Ok, I have a use case for this. If you could figure out how to get it off the cloud and low power, it would be awesome to have one of these on the gates to my house, so when I drive up the plates are automatically recognized and the gates open to my car.
Don't rely on garage openers for security, either: the door relies on a rather simple password scheme. In other words, treat it as a garden fence, not a blast door.
Better to use the tire pressure sensors and a software defined radio module to pick up the unique identifiers of your wheels. Way lower power than OCR.
This is nice from an academical standpoint since it can scale to track the cars, infer speed of the cars, track lanes, signs maybe experiment and try to do some predictions(...)
But, if the target is just to find plates and recognize the letters I've seen this being done with only a RPI.
(I am actually considering to do it just for fun :))
What are the privacy implications of this? For example, in the EU under GDPR, would you really be allowed to collect information on, for example, license plates, time and location? It seems to me that you could argue that license plates are "personally identifiable information" and collecting this type of data could, with or without intention, mean that you are collecting data on people's whereabouts.
Not every plate may idenfity a person (cars can be owned by companies and used by different employees and so on), but a significant number of cars is owned and driven by a single private owner. You can't easily discern if a license plate does or does not map to one individual, thus if you can't prove that the license plate does not map to a specific person, you should assume it does.
Thus the license plates can easily be argued they are PII.
Would be great if we could have built-in Outline support on HN, or some kind of bot commenting a link automatically when someone posts a story with a paywall. Just throwing an idea out there. :)
That's a great idea actually!
@dang are such bots allowed in HN? I can roll it out pretty easily with Monitoro (https://monitoro.xyz) and would be happy to cover the costs.
No, they've changed that. They probably received funding and are now desperate to earn that money back. There should be a site like Medium that wasn't tainted by Vulture Capitalists.
I use Firefox focus which has no session or cookies stored, and I never has a problem with medium articles. Do they save the read articles locally in normal browsers and block the user after a certain threshold?
The article works fine for me, and I do not have an account for that. (I don't like the formatting, but it is readable.) (I don't even see any mention of login.)
It’s just a question of time before people can hack their own similar facial recognition system. The new glasses from Bosch, with a projector straight on to the retina, is an obvious choice for displaying personal info about everybody in reach of the camera. With 5G, everybody has a reliable access to all the computing power needed.
It is easy to imagine someone with these glasses from Bosch, walking around in a bar.
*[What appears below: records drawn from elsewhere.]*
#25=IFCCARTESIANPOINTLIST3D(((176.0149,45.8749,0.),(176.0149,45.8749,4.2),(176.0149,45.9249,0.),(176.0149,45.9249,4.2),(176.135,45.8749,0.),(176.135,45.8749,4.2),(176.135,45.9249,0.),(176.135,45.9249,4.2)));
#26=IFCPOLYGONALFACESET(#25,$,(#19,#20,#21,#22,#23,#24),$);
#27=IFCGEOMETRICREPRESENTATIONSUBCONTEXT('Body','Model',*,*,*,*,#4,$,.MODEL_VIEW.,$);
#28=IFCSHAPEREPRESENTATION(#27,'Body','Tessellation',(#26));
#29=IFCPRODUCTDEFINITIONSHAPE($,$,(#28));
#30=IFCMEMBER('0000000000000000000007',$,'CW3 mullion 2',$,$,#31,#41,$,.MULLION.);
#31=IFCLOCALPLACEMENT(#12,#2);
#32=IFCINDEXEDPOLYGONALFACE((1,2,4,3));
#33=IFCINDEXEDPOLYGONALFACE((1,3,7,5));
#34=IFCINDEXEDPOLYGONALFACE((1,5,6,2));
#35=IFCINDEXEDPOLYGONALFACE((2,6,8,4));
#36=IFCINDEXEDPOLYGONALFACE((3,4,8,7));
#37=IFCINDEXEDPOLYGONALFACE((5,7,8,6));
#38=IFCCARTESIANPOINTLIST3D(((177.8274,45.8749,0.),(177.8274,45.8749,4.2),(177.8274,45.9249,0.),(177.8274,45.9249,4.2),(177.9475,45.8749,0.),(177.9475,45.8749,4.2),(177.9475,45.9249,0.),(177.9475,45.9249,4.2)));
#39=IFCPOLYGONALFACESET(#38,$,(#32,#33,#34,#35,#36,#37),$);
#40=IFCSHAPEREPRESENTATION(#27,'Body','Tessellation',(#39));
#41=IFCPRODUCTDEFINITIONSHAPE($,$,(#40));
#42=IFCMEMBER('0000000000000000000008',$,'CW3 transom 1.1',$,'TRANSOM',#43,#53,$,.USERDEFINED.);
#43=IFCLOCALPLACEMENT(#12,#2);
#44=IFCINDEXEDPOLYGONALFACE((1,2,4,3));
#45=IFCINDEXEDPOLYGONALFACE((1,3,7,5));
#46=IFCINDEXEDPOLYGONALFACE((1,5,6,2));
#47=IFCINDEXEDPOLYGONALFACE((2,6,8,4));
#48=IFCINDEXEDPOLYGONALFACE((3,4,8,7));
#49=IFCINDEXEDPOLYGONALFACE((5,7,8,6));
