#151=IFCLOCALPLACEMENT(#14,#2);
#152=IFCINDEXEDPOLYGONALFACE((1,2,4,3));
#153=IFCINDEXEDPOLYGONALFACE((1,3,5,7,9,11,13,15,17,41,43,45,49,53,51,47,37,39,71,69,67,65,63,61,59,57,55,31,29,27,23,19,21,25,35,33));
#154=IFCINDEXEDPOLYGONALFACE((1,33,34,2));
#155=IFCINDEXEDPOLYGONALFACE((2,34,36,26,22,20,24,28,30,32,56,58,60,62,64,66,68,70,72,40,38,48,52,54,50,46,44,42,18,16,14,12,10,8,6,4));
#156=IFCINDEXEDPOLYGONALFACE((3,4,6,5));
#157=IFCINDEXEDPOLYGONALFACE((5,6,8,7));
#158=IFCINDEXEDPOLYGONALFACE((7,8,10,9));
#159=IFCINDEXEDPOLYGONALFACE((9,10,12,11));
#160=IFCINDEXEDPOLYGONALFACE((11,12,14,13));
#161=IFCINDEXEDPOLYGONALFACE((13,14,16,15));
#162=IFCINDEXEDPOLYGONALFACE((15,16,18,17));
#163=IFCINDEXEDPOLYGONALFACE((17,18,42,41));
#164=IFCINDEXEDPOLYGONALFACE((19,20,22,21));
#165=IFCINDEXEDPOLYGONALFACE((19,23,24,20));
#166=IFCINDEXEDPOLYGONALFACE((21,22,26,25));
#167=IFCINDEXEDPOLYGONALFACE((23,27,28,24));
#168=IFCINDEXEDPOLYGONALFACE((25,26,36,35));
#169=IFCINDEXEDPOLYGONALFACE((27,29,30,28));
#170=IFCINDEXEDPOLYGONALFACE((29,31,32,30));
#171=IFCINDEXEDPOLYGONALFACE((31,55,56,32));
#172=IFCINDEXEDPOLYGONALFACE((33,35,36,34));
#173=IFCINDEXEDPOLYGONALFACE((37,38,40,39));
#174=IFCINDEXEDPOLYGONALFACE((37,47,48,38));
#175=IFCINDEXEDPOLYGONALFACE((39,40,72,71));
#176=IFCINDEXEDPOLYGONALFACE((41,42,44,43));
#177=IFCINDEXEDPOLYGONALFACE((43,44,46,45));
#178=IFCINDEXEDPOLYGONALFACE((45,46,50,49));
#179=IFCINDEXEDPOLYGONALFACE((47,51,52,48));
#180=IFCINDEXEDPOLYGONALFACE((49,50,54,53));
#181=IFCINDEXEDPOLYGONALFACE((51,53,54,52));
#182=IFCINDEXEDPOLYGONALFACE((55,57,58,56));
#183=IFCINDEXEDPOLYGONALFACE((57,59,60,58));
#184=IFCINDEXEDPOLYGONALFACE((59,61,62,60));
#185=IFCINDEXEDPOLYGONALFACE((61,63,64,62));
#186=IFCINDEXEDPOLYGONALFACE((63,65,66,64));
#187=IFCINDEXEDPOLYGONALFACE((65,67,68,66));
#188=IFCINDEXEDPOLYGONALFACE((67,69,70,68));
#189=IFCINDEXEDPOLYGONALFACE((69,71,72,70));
Personal information about other people would projected right to the retina.
Last I knew Romania was in EU, thus posting other people's personally identifiable information on internet should be covered by GDPR and thus be legally technically illegal.
Creator here. I get about 30FPS. The more compute power you throw in, the higher the framerate.
It's really buttery smooth if I disable the recognition part and just leave in the detection. Since it's demo project (something I just wanted to experiment with), my focus hasn't been on optimizing it. Lots of improvements could be brought to it.
Tesseract OCR can do this, using only the Raspberry Pi, at a "good enough" framerate for any real driving situation.